LA Times reporters bought 62,000 “views” for this video for about $100. It’s 1:47 of paint drying.
Two weeks ago, LA City Attorney Carmen Trutanich was caught buying at least 650,000 views on YouTube for his upcoming campaign for District Attorney. How many views did he actually get for his videos? Only about 725,000.
The Trutanich Campaign did it, apparently, for bragging rights– “Look! 725,000 people want Carmen to be the DA!” That this was more views than the presidential videos were getting never occurred to them. Sure, there could be 725,000 people anxiously waiting by their computers in February for news about November’s Los Angeles DA race, but I’m thinking it’s probably more like 6.

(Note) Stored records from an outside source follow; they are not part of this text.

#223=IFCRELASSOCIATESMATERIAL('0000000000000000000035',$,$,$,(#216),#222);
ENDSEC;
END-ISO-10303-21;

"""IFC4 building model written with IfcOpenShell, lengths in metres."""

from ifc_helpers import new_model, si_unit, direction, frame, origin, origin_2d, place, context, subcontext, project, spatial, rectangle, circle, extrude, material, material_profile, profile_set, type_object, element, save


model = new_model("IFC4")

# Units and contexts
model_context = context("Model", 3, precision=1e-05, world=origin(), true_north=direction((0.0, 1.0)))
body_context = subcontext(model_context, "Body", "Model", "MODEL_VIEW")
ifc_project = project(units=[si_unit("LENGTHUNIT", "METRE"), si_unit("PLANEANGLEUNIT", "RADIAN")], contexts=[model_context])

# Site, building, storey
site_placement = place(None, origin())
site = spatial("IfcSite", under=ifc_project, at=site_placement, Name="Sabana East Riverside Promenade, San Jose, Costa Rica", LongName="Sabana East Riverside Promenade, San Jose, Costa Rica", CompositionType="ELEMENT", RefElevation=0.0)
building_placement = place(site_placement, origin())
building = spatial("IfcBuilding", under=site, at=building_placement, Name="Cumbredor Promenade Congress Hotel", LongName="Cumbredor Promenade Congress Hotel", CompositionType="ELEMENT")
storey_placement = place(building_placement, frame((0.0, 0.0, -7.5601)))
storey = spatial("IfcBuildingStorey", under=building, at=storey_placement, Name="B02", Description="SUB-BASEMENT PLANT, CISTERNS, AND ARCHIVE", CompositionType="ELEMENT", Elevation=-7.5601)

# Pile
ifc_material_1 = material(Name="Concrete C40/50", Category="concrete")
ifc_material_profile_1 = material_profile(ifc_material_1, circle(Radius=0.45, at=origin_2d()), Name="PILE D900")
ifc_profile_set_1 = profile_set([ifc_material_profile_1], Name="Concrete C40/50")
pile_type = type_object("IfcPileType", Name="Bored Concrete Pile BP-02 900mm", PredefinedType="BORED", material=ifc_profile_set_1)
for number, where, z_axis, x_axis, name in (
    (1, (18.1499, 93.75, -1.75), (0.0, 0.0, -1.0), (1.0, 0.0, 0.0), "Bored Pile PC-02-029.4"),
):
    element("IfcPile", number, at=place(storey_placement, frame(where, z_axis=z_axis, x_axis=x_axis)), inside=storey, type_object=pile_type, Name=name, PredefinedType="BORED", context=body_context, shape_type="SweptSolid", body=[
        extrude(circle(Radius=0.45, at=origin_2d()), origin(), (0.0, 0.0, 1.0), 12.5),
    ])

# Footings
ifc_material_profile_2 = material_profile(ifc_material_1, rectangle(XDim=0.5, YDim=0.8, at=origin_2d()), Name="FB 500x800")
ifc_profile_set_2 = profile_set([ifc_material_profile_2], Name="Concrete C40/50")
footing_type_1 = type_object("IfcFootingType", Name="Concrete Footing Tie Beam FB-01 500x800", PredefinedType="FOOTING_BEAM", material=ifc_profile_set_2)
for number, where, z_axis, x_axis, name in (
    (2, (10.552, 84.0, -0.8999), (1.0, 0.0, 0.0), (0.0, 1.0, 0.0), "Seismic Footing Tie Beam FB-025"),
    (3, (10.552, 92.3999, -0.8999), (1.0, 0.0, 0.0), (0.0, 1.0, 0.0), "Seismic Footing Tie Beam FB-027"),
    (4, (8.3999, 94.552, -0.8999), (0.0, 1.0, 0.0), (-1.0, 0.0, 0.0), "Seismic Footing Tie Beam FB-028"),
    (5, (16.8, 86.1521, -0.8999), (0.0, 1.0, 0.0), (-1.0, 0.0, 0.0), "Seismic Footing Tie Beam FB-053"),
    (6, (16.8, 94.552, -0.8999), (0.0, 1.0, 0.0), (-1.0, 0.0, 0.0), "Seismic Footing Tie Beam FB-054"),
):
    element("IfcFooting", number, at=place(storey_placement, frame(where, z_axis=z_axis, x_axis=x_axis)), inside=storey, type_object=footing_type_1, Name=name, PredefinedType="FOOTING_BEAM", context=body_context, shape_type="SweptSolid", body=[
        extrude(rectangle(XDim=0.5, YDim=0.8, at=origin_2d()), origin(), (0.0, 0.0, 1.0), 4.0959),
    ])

This is kind of like a losing ball club that pays to have 62,000 inflatable dolls taped to the seats to fool 10,000 real people into showing up– for free. Not only is nobody fooled, the ball club wastes a fortune. And so it is with Carmen’s campaign.
In this case, the campaign victimized themselves. But this happens in varying degrees every day to unsuspecting clients.
At its most “innocent”, Web PR firms flood blogs and Facebook with promotions and ads to get people talking about a video, which then takes off or not on its own. At worst, clients pay view factories to gin up tens or hundreds of thousands of “views” and “comments” to make the video look like a viral sensation. Many cases are probably somewhere in between– a real PR effort, but with few thousand extra views slipped in here and there just to flesh things out for the client.
Here’s the truth about viral video: You can’t shine sh*&. Nobody watches bad video. Instead of paying for bots to spam YouTube, spend a little more time and money making a decent video. Impressing 25,000 passionate viewers will do your business a lot more good than ginning up 725,000 cyberphantoms.